What if all of the sun's output of visible light were bundled up into a laser-like beam that had a diameter of around 1m once it reaches Earth?
—Max Schäfer
Here's the situation Max is describing:
If you were standing in the path of the beam, you would obviously die pretty quickly. You wouldn't really die of anything, in the traditional sense. You would just stop being biology and start being physics.
When the beam of light hit the atmosphere, it would heat a pocket of air to millions of degrees (Fahrenheit, Celsius, Rankine, or Kelvin—it doesn't really matter.) in a fraction of a second. That air would turn to plasma and start dumping its heat as a flood of x-rays in all directions. Those x-rays would heat up the air around them, which would turn to plasma itself and start emitting infrared light. It would be like a hydrogen bomb going off, only much more violent.
This radiation would vaporize everything in sight, turn the surrounding atmosphere to plasma, and start stripping away the Earth's surface.
But let's imagine you were standing on the far side of the Earth. You're still definitely not going to make it—things don't turn out well for the Earth in this scenario—but what, exactly, would you die from?
The Earth is big enough to protect people on the other side—at least for a little bit—from Max's sunbeam, and the seismic waves from the destruction would take a while to propogate through the planet. But the Earth isn't a perfect shield. Those wouldn't be what killed you.
Instead, you would die from twilight.
The sky is dark at night[citation needed] because the Sun is on the other side of the Earth.[citation needed] But the night sky isn't always completely dark. There's a glow in the sky before sunrise and after sunset because, even with the Sun hidden, some of the light is bent around the surface by the atmosphere.

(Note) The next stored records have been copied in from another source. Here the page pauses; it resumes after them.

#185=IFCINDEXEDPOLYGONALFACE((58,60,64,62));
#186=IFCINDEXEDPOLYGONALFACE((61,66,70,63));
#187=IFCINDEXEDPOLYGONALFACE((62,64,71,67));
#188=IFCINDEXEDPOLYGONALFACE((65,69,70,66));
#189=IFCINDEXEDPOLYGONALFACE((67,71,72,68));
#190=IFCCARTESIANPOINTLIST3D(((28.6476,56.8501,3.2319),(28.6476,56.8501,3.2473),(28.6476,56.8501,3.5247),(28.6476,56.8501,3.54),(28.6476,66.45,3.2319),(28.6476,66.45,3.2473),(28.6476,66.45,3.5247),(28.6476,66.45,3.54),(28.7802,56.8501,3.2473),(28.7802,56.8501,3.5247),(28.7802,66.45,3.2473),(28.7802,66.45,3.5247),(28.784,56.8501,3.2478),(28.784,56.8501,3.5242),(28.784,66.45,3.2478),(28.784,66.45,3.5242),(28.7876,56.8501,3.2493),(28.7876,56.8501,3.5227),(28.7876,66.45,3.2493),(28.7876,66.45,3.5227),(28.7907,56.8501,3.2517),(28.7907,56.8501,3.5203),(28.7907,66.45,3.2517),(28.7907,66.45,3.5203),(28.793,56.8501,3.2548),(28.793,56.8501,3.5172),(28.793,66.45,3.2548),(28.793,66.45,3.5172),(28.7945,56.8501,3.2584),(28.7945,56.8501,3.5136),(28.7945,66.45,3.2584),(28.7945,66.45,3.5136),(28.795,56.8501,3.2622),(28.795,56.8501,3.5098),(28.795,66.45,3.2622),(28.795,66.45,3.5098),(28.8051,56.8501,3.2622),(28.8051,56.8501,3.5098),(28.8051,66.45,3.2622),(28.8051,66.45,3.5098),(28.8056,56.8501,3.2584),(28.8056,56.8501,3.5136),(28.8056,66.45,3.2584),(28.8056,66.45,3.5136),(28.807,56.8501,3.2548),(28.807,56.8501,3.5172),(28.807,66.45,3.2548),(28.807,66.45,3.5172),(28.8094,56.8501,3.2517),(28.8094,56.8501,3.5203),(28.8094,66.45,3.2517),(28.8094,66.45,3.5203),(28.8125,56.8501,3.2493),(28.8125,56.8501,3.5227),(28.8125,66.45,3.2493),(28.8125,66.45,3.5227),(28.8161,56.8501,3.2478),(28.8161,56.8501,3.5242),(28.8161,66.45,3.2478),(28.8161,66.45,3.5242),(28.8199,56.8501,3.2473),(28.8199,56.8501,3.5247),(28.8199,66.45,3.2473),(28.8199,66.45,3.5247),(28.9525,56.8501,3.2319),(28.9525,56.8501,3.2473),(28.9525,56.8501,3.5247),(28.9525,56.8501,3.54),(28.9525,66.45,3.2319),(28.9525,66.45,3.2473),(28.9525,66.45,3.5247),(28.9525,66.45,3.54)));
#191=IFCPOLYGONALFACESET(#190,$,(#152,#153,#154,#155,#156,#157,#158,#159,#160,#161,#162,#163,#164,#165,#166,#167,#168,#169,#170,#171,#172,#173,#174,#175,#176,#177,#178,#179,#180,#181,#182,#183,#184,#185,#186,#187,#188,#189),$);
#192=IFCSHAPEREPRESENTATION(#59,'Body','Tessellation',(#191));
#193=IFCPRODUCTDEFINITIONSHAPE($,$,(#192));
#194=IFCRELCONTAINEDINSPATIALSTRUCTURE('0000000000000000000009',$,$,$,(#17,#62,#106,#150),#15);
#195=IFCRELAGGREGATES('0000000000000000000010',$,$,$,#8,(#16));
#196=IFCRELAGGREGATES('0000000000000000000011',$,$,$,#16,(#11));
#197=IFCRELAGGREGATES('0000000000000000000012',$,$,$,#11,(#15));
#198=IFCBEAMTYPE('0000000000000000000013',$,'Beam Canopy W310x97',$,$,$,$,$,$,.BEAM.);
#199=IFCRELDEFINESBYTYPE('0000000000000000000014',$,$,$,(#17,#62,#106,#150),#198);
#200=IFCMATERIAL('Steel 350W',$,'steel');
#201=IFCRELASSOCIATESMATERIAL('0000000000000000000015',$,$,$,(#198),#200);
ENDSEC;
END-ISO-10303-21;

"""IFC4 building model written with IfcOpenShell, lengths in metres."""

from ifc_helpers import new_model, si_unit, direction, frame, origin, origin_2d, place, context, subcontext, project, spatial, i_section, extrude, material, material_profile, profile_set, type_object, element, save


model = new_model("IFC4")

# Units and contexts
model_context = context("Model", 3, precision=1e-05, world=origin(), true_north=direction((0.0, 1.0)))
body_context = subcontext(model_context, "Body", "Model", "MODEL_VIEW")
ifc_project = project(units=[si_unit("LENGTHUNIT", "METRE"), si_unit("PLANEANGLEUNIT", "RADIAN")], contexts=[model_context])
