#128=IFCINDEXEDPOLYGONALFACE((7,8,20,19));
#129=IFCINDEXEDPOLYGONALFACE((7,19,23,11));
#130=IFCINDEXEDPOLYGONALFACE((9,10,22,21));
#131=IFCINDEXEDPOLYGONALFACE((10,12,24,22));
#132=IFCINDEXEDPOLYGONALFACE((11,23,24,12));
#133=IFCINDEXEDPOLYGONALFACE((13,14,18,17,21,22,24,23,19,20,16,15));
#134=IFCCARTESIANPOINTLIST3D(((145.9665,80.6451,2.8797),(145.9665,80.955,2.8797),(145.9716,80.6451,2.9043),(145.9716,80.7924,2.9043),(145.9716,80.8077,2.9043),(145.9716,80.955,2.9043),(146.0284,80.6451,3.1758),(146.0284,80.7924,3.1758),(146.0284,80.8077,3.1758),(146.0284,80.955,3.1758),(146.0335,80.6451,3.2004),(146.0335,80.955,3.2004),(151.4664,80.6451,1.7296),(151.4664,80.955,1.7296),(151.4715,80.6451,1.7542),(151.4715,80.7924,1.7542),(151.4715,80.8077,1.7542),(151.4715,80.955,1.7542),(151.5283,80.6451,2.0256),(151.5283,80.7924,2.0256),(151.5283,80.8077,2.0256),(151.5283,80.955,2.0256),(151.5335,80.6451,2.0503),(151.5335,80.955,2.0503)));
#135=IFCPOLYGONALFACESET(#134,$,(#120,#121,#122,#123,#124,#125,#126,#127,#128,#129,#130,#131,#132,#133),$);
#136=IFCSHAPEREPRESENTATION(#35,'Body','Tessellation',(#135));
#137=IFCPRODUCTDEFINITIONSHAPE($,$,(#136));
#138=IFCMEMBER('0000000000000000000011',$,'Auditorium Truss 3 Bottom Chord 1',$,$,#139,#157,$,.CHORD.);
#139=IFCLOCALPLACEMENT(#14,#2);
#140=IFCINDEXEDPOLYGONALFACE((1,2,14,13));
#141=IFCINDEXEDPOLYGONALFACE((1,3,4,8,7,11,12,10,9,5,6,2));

If the sunbeam hit the Earth, x-rays, thermal radiation, and everything in between would flood into the atmosphere, so we need to learn a little about how different kinds of light interact with air.
Normal light interacts with the atmosphere through Rayleigh scattering. You may have heard of Rayleigh scattering as the answer to "why is the sky blue." This is sort of true, but honestly, a better answer to this question might be "because air is blue." Sure, it appears blue for a bunch of physics reasons, but everything appears the color it is for a bunch of physics reasons.(When you ask, "Why is the statue of liberty green?" the answer is something like, "The outside of the statue is copper, so it used to be copper-colored. Over time, a layer of copper carbonate formed (through oxidation), and copper carbonate is green." You don't say "The statue is green because of frequency-specific absorption and scattering by surface molecules.")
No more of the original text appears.